Tidrow, a former big league pitcher, has shown greater acumen for finding power arms than he has finding quality bats. But as long as he finds players Sabean can trade to support the aging Bonds, the Giants’ game plan will continue to work in the short term.
Top Prospect: Merkin Valdez, RHP
Age: 22 Ht.: 6-3 Wt.: 170 Bats: R Throws: R
Background: Though the Giants had developed Russ Ortiz from college middle reliever to big league frontline starter, they weren’t afraid to deal him when he became too expensive. So they sent Ortiz to the Braves for lefthander Damian Moss and Valdez in December 2002. Valdez was known as Manuel Mateo and believed to be nine months younger than his true age when he signed for $7,500 in 1999. While he has a ways to go to match Ortiz as a big league 20-game winner, the trade worked out for the Giants. San Francisco used Moss to get Sidney Ponson from the Orioles for the 2003 stretch run, while Valdez established himself as the Giants’ clear No. 1 prospect with a dominating year at Class A Hagerstown. He won the strikeout crown in the Rookie-level Gulf Coast League in 2002, then repeated the feat in the South Atlantic League in his Giants debut.

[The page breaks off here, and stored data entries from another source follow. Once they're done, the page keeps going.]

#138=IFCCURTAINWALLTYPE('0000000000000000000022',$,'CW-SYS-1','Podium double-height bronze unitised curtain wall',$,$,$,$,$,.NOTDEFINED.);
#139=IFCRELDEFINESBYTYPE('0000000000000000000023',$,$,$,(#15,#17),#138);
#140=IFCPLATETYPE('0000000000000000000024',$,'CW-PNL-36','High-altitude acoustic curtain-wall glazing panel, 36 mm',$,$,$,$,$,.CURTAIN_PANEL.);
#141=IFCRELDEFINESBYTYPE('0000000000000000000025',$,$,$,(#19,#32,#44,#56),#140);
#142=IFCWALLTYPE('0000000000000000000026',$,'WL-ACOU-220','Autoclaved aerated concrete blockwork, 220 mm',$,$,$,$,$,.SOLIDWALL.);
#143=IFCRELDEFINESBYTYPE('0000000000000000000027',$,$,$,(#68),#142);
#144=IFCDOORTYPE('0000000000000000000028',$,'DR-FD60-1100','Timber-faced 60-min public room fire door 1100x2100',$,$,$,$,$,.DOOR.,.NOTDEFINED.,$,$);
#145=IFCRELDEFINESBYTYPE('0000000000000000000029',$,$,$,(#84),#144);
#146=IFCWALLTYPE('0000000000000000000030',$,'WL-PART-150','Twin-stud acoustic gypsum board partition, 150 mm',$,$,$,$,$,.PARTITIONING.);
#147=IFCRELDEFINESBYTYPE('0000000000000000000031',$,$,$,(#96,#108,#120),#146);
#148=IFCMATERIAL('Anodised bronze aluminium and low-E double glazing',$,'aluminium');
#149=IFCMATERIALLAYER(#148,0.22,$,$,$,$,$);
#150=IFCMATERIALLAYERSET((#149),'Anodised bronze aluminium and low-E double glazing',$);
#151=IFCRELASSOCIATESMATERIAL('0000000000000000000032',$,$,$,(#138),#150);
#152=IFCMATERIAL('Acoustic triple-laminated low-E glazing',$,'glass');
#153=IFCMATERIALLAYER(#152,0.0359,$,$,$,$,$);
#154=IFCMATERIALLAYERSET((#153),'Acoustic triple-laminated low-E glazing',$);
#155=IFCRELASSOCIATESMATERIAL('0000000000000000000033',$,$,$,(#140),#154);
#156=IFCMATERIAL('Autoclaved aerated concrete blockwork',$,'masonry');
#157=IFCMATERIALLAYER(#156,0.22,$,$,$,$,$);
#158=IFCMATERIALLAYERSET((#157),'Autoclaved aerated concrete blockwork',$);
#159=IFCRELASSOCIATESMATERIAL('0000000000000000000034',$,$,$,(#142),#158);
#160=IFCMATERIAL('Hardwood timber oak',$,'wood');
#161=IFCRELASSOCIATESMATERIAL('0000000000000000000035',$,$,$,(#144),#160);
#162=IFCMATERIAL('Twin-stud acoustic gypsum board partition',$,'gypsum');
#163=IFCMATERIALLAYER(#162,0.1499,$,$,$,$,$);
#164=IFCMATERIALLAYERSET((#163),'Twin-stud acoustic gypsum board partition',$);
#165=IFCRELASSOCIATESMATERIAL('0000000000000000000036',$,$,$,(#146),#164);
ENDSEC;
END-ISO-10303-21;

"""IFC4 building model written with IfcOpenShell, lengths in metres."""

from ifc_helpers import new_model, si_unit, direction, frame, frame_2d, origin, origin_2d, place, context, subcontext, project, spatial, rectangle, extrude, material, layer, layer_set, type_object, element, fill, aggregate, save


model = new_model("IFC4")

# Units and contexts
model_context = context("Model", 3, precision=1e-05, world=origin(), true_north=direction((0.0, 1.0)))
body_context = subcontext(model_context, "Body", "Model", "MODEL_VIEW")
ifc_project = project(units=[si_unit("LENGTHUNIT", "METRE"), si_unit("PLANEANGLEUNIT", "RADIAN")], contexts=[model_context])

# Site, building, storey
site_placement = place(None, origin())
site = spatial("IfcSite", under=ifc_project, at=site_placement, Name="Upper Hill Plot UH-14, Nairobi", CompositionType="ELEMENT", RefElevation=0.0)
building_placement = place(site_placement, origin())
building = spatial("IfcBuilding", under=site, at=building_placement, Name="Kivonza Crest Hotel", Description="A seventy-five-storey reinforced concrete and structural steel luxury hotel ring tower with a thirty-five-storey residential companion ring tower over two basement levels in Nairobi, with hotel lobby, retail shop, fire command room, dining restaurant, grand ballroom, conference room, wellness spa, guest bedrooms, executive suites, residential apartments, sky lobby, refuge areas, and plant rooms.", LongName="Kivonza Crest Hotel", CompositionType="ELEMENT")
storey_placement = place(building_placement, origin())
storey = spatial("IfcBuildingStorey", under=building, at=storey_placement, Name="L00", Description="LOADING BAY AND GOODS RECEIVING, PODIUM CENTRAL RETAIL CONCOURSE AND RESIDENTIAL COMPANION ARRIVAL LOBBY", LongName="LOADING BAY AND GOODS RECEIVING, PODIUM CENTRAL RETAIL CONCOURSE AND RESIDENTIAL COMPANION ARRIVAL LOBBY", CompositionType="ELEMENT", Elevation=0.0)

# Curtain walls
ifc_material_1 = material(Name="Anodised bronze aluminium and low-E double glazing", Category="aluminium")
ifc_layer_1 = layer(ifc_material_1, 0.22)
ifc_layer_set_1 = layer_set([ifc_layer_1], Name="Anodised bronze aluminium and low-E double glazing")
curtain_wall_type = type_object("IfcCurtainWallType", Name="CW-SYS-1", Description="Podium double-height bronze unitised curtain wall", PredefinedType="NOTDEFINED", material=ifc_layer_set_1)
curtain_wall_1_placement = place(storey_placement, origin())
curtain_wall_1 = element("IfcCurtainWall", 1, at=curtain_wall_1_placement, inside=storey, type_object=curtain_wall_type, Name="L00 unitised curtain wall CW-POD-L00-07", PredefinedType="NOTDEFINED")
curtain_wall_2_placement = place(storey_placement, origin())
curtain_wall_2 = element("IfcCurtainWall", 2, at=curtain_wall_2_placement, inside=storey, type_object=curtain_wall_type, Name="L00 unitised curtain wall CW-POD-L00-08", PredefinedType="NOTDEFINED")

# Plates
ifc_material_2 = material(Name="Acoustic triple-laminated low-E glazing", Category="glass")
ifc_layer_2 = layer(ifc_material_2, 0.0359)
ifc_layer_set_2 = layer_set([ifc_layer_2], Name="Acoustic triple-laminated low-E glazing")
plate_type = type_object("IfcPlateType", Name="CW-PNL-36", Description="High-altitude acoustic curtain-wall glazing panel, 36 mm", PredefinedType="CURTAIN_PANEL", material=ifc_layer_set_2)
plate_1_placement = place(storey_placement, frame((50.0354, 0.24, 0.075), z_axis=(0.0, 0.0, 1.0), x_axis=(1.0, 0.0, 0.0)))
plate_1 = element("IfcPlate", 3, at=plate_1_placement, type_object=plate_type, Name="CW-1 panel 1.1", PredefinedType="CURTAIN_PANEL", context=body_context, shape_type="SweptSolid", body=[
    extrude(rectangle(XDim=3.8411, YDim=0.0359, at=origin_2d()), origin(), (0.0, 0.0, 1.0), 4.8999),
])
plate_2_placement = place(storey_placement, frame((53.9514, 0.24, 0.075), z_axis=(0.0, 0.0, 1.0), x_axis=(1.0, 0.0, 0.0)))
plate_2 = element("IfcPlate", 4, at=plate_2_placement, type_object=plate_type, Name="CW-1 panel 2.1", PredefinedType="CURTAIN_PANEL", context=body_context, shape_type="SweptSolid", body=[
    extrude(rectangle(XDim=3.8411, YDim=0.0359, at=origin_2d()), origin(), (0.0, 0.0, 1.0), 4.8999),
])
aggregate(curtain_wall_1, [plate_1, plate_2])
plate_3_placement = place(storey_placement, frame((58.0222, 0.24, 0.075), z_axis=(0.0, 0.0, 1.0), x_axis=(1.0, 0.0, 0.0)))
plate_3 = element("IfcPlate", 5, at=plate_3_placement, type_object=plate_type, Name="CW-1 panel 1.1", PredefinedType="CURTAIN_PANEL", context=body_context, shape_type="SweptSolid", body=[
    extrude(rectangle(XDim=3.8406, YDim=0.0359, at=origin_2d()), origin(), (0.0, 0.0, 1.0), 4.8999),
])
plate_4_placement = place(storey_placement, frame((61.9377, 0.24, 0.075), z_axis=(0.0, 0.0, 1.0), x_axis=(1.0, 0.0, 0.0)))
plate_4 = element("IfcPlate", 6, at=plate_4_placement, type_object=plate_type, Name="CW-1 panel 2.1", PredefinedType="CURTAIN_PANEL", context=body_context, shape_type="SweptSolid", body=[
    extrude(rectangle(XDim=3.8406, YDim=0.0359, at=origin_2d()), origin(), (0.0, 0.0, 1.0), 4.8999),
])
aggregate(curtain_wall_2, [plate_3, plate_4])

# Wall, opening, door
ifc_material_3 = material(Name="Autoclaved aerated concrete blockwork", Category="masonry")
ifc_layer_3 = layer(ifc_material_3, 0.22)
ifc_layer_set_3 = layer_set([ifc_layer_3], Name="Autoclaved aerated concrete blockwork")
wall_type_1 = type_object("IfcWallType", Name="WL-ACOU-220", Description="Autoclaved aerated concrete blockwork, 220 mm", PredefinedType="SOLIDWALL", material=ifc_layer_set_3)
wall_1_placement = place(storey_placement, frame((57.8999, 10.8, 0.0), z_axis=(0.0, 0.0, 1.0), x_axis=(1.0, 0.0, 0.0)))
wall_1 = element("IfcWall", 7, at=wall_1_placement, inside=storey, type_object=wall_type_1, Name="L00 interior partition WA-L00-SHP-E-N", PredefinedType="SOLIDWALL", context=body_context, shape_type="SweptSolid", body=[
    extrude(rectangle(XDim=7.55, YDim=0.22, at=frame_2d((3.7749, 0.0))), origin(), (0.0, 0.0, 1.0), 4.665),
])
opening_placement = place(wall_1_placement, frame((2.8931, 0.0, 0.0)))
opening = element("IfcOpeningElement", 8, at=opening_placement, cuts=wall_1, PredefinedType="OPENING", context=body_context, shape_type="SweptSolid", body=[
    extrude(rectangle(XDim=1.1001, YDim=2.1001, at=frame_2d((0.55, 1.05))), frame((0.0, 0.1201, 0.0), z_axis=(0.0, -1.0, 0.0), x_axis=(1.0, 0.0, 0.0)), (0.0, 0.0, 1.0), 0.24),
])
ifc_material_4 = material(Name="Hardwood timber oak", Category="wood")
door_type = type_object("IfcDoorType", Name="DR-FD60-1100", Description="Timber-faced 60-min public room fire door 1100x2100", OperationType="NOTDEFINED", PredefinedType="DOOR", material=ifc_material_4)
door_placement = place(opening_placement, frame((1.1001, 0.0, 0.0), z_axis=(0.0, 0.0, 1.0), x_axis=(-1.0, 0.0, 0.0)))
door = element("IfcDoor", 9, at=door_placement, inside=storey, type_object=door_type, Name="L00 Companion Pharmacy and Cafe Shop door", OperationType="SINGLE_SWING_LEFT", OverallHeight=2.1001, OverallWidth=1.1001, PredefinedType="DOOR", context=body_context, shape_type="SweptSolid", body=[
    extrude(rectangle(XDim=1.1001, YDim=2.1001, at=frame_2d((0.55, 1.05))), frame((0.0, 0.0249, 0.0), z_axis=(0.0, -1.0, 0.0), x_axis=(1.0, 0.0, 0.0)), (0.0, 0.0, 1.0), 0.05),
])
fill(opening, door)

Strengths: Valdez has the rare ability to invite consistent weak contact with his fastball. With his combination of velocity and command, the Giants say he compares favorably to last year’s No. 1 prospect, Jesse Foppert. Valdez throws a two-seam heater that the Giants rate a 70 on the 20-80 scouting scale due to its excellent sink and consistent velocity. When he worked as a starter for Hagerstown, his fastball sat in the 92-95 mph range. In a late assignment to the Arizona Fall League, he ran it to 96-98 in short relief stints. He’s not afraid to work inside and attacks lefthanders successfully. The Giants rate his slider as a 60 pitch, though it tends to be less consistent than his fastball. Valdez generally does a good job of staying tall, throwing downhill and keeping on top of his slider. His changeup remains in its developing stages, but the Giants were encouraged by the flashes he showed in instructional league, when he threw it for strikes.

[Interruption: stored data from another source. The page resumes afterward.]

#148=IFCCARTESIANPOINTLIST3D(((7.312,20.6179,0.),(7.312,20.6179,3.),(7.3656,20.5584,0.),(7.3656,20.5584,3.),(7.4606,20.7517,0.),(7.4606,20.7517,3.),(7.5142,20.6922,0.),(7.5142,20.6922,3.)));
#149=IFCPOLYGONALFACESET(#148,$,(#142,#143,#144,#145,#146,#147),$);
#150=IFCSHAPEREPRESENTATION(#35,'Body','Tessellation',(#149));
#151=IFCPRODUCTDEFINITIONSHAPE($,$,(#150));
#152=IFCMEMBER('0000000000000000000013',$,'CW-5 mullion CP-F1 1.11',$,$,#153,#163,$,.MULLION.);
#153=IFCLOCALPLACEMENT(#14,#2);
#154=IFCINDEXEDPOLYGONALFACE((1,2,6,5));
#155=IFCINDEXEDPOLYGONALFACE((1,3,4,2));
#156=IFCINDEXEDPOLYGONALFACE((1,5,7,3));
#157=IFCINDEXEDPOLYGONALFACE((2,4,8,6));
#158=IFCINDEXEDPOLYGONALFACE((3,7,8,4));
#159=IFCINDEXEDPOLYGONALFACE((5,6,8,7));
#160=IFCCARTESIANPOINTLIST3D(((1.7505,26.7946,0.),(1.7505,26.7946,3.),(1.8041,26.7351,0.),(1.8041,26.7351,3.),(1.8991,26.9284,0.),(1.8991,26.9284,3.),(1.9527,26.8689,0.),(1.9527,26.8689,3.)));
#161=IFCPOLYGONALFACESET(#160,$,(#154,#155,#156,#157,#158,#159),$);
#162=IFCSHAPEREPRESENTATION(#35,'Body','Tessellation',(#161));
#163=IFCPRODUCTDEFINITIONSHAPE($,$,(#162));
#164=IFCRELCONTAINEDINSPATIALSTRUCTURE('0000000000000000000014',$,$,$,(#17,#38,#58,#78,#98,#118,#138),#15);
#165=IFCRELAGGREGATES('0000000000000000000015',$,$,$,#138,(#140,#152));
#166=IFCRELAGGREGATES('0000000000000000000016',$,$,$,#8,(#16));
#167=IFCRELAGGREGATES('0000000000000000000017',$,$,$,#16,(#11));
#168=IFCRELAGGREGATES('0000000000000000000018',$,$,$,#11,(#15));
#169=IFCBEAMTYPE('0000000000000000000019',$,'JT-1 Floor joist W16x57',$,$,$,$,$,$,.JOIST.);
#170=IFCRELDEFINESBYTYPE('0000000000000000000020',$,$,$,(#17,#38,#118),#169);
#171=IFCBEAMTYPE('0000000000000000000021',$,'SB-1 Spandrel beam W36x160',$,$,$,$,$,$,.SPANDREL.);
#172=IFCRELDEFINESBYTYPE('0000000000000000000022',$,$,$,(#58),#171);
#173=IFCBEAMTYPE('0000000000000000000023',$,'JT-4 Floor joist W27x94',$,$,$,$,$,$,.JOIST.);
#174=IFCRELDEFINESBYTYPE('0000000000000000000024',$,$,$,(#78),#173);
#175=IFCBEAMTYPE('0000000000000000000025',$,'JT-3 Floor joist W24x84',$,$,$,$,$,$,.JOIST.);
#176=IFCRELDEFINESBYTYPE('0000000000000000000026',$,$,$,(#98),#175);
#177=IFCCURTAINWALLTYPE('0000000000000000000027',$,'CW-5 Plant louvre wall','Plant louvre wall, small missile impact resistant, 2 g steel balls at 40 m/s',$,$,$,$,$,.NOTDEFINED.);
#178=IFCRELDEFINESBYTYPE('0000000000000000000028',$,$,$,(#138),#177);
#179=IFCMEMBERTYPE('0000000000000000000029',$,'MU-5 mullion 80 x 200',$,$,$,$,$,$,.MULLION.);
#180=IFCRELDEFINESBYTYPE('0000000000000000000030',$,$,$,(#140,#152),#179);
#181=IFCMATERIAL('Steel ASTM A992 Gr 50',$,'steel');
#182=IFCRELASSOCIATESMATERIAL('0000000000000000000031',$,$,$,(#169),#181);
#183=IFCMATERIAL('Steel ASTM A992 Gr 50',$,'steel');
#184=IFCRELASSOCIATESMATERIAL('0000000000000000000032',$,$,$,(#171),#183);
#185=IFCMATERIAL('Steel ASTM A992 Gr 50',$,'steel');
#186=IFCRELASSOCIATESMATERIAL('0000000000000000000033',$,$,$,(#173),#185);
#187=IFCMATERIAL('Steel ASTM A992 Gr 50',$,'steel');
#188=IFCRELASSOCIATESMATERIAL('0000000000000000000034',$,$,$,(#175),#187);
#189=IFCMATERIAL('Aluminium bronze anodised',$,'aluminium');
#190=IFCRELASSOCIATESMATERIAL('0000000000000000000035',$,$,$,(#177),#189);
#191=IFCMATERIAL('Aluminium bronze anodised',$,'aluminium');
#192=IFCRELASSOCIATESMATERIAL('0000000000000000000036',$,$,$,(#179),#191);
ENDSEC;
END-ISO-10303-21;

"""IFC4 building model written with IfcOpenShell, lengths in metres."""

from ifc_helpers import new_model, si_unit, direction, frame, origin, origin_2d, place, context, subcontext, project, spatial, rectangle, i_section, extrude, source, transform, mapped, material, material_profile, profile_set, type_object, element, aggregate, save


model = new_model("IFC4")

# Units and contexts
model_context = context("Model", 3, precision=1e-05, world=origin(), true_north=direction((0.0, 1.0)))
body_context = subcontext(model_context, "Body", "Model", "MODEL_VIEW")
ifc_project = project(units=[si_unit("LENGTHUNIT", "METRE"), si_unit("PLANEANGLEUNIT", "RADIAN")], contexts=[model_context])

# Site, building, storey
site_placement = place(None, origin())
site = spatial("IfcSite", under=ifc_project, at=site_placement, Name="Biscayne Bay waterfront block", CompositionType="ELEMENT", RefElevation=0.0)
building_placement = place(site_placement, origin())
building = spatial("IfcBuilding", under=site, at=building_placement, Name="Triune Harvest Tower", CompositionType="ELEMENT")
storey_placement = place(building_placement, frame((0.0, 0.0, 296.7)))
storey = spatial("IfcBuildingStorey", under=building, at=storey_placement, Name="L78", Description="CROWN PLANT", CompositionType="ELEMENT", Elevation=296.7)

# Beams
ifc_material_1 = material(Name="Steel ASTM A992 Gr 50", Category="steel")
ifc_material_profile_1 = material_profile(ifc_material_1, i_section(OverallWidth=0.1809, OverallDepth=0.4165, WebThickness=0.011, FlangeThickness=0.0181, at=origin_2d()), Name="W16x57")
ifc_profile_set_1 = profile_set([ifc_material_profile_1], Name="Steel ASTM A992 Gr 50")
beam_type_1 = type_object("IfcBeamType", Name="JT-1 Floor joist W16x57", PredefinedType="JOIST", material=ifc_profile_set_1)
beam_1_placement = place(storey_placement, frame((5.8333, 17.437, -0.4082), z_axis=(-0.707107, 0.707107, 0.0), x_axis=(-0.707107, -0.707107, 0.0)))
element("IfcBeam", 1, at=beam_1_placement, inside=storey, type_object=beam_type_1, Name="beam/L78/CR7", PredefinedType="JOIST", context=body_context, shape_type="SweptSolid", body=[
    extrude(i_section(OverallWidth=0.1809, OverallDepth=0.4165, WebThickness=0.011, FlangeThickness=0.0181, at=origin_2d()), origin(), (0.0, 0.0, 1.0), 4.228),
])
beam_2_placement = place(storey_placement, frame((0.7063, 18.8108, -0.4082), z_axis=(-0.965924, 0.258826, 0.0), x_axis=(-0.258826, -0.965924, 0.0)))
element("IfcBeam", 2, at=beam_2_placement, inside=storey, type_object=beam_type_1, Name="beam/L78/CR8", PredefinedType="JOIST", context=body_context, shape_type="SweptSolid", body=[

Weaknesses: This was just Valdez’ first full season, so he could use more innings of experience to refine his overall game, particularly his changeup and slider. He can be guilty of rushing his delivery and overthrowing. He missed a start in the spring when he was trying so hard to ramp up his velocity that he pulled his groin. He sometimes alters his delivery for his offspeed stuff, hurting his consistency. All of these are correctable flaws, however.
The Future: It could be now. Added to the 40-man roster, Valdez will compete for a big league bullpen job in spring training, following Foppert’s example. While Foppert was a college draftee, he wasn’t a full-time pitcher until his junior season at the University of San Francisco, and Valdez’ experience level is similar. If he’s allowed to develop more in the minor leagues—likely at high Class A San Jose to start until the weather warms up at Double-A Norwich—Valdez still could jump to the majors sometime in 2004. With more refinement, Valdez profiles as a front-of-the-rotation starter.